Exponential functions are a fundamental type of function in calculus, characterized by a constant base raised to a variable exponent. A basic form is \( e^t \), where \( e \) is an irrational constant approximately equal to 2.71828. In our problem, we have both positive and negative exponents: \( Ue^t \) and \( Ve^{-t} \). These are classic examples of exponential functions, where \( U \) and \( V \) represent specific multipliers or coefficients.

• The base \( e \) signifies exponential growth and decay.
• The exponent \( t \) can either increase or decrease the function rapidly.
• Negative exponents like \( e^{-t} \) indicate decay, representing the reciprocal \( \frac{1}{e^t} \).

Understanding these properties helps in differentiating and solving equations involving exponential terms.

Calculating the derivative of exponential functions follows specific rules. The derivative of \( e^t \) is simply \( e^t \), while for \( e^{-t} \), it's \(-e^{-t} \). In our scenario, the function \( F(t) = Ue^t + Ve^{-t} \) requires differentiation.

• The term \( Ue^t \) differentiates to \( Ue^t \).
• The term \( Ve^{-t} \) differentiates to \(-Ve^{-t} \).
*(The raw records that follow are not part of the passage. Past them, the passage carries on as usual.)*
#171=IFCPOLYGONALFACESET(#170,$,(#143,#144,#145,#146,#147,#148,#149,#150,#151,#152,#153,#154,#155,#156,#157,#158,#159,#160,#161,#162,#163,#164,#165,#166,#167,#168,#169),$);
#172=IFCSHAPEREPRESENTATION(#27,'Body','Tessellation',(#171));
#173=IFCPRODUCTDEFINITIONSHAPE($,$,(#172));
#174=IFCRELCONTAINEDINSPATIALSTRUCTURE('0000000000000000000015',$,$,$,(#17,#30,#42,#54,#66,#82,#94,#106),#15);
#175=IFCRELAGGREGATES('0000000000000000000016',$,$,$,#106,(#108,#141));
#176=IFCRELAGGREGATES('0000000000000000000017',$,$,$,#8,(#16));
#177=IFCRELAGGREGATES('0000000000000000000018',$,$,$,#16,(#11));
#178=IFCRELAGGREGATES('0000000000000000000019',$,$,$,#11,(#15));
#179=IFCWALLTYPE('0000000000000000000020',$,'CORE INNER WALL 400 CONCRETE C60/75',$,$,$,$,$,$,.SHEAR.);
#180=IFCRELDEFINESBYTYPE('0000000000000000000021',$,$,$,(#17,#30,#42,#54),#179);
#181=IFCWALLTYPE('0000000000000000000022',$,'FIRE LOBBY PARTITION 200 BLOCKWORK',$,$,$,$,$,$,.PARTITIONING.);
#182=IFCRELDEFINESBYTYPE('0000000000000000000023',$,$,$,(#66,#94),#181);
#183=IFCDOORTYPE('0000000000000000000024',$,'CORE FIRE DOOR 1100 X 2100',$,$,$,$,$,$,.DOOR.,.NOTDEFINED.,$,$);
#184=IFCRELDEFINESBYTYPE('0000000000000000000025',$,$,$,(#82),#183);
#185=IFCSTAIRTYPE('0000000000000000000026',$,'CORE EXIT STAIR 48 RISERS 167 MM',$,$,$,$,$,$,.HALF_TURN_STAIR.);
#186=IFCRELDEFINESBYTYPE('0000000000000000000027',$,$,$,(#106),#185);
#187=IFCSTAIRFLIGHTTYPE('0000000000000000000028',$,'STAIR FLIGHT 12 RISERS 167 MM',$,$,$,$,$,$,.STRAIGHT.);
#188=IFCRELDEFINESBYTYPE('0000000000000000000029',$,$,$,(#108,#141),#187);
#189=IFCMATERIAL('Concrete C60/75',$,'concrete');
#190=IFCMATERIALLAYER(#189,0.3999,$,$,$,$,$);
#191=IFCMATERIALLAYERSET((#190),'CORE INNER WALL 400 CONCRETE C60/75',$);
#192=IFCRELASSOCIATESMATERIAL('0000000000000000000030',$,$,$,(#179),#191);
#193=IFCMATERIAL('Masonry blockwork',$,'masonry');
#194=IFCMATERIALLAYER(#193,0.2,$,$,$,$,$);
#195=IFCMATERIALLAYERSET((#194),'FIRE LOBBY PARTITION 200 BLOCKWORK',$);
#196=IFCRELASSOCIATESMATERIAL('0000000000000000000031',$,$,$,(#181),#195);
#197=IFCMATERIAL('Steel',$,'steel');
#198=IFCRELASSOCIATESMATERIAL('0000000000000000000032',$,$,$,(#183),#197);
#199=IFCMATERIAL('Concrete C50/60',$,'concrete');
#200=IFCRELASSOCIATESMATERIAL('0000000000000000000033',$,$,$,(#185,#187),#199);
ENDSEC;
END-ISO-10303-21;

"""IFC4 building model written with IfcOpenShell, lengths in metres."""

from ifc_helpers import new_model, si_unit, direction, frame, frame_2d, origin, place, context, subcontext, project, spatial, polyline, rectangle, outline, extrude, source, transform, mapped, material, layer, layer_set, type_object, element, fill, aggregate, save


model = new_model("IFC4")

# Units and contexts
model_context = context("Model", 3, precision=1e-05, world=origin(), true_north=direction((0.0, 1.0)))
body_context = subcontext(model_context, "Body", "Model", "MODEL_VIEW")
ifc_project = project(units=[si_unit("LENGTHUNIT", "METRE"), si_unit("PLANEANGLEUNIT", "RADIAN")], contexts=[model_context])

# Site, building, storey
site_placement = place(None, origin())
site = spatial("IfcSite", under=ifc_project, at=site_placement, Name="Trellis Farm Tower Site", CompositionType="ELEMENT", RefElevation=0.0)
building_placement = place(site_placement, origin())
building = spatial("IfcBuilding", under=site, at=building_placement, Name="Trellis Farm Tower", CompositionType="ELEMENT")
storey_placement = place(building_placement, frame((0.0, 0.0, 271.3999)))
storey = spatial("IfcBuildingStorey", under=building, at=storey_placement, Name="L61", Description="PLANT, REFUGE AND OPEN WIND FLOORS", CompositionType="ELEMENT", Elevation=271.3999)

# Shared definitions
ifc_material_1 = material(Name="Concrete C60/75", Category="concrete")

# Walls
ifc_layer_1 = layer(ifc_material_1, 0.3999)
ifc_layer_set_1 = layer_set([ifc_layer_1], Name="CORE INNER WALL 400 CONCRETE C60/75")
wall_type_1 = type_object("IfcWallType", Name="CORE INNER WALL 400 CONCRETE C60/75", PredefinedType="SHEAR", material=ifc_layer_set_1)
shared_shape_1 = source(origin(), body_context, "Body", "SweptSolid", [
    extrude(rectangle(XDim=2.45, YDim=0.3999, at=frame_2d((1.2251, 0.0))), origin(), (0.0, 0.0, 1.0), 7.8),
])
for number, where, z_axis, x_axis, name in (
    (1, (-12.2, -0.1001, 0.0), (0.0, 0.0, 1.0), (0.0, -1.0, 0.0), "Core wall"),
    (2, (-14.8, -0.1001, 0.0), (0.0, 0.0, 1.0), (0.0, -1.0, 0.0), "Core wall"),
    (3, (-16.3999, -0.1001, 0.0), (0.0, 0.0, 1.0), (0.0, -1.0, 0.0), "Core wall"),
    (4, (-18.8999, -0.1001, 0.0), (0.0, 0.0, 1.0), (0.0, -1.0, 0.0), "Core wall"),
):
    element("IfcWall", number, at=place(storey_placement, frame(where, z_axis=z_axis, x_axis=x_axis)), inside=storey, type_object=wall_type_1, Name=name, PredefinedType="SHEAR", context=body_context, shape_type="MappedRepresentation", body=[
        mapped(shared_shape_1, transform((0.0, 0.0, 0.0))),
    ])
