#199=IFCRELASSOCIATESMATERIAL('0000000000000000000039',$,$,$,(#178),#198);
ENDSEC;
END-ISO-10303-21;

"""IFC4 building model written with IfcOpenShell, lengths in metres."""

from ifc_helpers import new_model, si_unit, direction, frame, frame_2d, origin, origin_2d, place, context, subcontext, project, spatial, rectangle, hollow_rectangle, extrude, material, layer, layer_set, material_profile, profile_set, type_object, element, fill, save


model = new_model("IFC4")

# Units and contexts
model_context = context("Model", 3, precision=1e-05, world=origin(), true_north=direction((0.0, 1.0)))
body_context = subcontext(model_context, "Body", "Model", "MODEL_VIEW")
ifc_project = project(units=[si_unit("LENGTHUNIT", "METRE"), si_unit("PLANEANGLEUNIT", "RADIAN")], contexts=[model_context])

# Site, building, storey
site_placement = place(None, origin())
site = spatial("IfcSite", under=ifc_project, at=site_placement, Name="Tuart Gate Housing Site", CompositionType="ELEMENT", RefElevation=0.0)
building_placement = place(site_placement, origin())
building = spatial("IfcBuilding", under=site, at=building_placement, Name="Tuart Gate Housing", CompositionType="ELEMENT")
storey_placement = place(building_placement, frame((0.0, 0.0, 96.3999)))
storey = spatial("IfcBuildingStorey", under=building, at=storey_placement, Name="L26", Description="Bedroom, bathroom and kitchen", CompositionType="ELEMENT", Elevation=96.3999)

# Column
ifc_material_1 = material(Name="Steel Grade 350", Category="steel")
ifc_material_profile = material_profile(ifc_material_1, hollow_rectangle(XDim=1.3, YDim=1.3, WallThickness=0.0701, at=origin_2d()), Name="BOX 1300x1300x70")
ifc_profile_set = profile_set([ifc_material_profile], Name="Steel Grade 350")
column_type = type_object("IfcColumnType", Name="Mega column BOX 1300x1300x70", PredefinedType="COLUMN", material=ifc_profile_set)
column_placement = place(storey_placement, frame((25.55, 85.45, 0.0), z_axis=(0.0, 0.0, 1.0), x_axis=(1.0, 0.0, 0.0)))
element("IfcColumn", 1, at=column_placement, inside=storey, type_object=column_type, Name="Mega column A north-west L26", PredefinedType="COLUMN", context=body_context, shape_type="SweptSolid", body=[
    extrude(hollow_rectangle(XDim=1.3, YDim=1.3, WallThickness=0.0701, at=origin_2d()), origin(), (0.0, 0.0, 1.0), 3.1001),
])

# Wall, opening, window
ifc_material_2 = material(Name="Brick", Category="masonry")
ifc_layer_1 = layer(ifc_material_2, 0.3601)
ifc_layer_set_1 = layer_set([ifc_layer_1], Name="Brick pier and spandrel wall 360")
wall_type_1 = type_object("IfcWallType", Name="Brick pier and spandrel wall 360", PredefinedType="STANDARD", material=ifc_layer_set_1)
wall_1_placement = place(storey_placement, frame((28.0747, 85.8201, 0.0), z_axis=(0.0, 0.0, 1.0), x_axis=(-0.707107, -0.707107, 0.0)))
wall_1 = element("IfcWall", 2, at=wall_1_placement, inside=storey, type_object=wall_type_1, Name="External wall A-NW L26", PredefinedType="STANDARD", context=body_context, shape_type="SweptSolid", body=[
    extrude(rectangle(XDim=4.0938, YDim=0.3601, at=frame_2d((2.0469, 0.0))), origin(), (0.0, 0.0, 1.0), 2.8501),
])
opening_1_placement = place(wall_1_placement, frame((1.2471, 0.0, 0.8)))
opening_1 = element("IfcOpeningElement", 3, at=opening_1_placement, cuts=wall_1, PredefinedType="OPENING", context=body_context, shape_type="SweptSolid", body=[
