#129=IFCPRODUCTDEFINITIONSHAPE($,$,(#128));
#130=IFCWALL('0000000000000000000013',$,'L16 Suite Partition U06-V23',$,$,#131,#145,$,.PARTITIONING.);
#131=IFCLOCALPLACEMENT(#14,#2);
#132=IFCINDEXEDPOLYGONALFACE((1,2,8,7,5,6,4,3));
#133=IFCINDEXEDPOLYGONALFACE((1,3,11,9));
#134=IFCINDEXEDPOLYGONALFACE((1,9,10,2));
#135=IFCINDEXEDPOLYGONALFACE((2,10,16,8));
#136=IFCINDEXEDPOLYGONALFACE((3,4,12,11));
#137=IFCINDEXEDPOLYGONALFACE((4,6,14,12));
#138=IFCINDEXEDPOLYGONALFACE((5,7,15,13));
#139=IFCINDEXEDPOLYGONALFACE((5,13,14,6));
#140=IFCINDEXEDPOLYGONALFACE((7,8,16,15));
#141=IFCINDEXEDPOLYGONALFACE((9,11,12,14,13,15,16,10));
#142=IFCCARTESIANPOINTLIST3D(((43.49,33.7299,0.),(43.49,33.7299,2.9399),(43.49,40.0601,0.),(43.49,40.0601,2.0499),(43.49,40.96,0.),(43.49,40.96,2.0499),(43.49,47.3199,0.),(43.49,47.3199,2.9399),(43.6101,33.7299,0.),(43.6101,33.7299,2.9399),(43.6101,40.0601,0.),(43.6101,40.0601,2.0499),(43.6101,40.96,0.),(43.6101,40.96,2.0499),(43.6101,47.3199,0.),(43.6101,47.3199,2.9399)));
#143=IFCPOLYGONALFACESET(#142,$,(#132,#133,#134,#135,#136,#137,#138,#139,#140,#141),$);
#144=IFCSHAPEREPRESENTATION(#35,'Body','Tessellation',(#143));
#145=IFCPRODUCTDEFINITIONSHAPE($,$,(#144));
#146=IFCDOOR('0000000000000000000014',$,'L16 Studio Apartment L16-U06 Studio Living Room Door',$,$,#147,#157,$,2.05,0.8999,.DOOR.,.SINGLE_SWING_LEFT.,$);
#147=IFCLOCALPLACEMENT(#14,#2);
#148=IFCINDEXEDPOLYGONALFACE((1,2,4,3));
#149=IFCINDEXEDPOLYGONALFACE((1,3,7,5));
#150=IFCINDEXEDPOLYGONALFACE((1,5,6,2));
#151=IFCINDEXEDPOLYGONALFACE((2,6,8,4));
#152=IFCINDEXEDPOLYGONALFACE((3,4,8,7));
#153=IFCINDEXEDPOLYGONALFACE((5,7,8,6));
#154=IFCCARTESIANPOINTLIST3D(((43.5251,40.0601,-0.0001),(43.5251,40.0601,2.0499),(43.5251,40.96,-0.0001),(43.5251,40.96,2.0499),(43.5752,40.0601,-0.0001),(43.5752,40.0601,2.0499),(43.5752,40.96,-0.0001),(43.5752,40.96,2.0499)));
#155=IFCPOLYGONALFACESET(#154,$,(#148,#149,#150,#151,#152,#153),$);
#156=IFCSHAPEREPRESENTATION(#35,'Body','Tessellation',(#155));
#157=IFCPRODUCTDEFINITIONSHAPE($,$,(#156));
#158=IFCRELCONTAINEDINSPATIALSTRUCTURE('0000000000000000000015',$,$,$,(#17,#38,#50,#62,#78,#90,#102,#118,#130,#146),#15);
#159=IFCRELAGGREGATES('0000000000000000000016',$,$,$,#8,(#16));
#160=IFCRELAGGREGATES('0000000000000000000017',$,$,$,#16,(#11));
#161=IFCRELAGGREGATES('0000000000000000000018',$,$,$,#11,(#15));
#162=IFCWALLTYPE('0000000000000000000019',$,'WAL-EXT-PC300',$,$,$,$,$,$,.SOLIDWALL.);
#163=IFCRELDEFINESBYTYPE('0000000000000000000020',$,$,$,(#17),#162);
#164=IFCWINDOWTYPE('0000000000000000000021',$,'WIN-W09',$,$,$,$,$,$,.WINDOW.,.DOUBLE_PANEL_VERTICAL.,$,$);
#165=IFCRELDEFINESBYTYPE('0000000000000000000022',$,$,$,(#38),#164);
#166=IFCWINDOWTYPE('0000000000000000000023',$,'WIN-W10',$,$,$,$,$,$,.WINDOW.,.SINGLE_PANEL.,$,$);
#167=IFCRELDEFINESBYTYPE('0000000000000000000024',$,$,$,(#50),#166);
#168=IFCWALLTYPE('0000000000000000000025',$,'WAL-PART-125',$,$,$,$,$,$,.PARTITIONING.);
Thus, the derivative of the function becomes \( F'(t) = Ue^t - Ve^{-t} \).It's imperative to correctly identify and compute these derivatives, as they help us find critical points by setting \( F'(t) = 0 \). This process unveils where the rate of change of the function is zero, signaling a potential maximum, minimum, or saddle point in the graph of the function.

Solving equations often involves setting expressions equal and isolating variables. In our exercise, we solve \( F'(t) = 0 \) to find critical points. This involves several steps:1. Start with setting \( Ue^t - Ve^{-t} = 0 \).2. Rearrange to \( Ue^t = Ve^{-t} \).3. Multiply by \( e^t \) to eliminate negative exponent: \( Ue^{2t} = V \).Next, we solve for \( e^{2t} \) by expressing it as \( e^{2t} = \frac{V}{U} \).

• Taking the natural logarithm of both sides, \( \ln(e^{2t}) = \ln\left(\frac{V}{U}\right) \), leads to solving for \( 2t \).
• Use the property \( \ln(e^x) = x \) resulting in \( 2t = \ln\left(\frac{V}{U}\right) \).
• Isolating \( t \), we divide by 2: \( t = \frac{1}{2} \ln\left(\frac{V}{U}\right) \).

This \( t \) value is then verified in the original derivative to confirm it truly is a critical point, emphasizing the vital role of solving equations in calculus.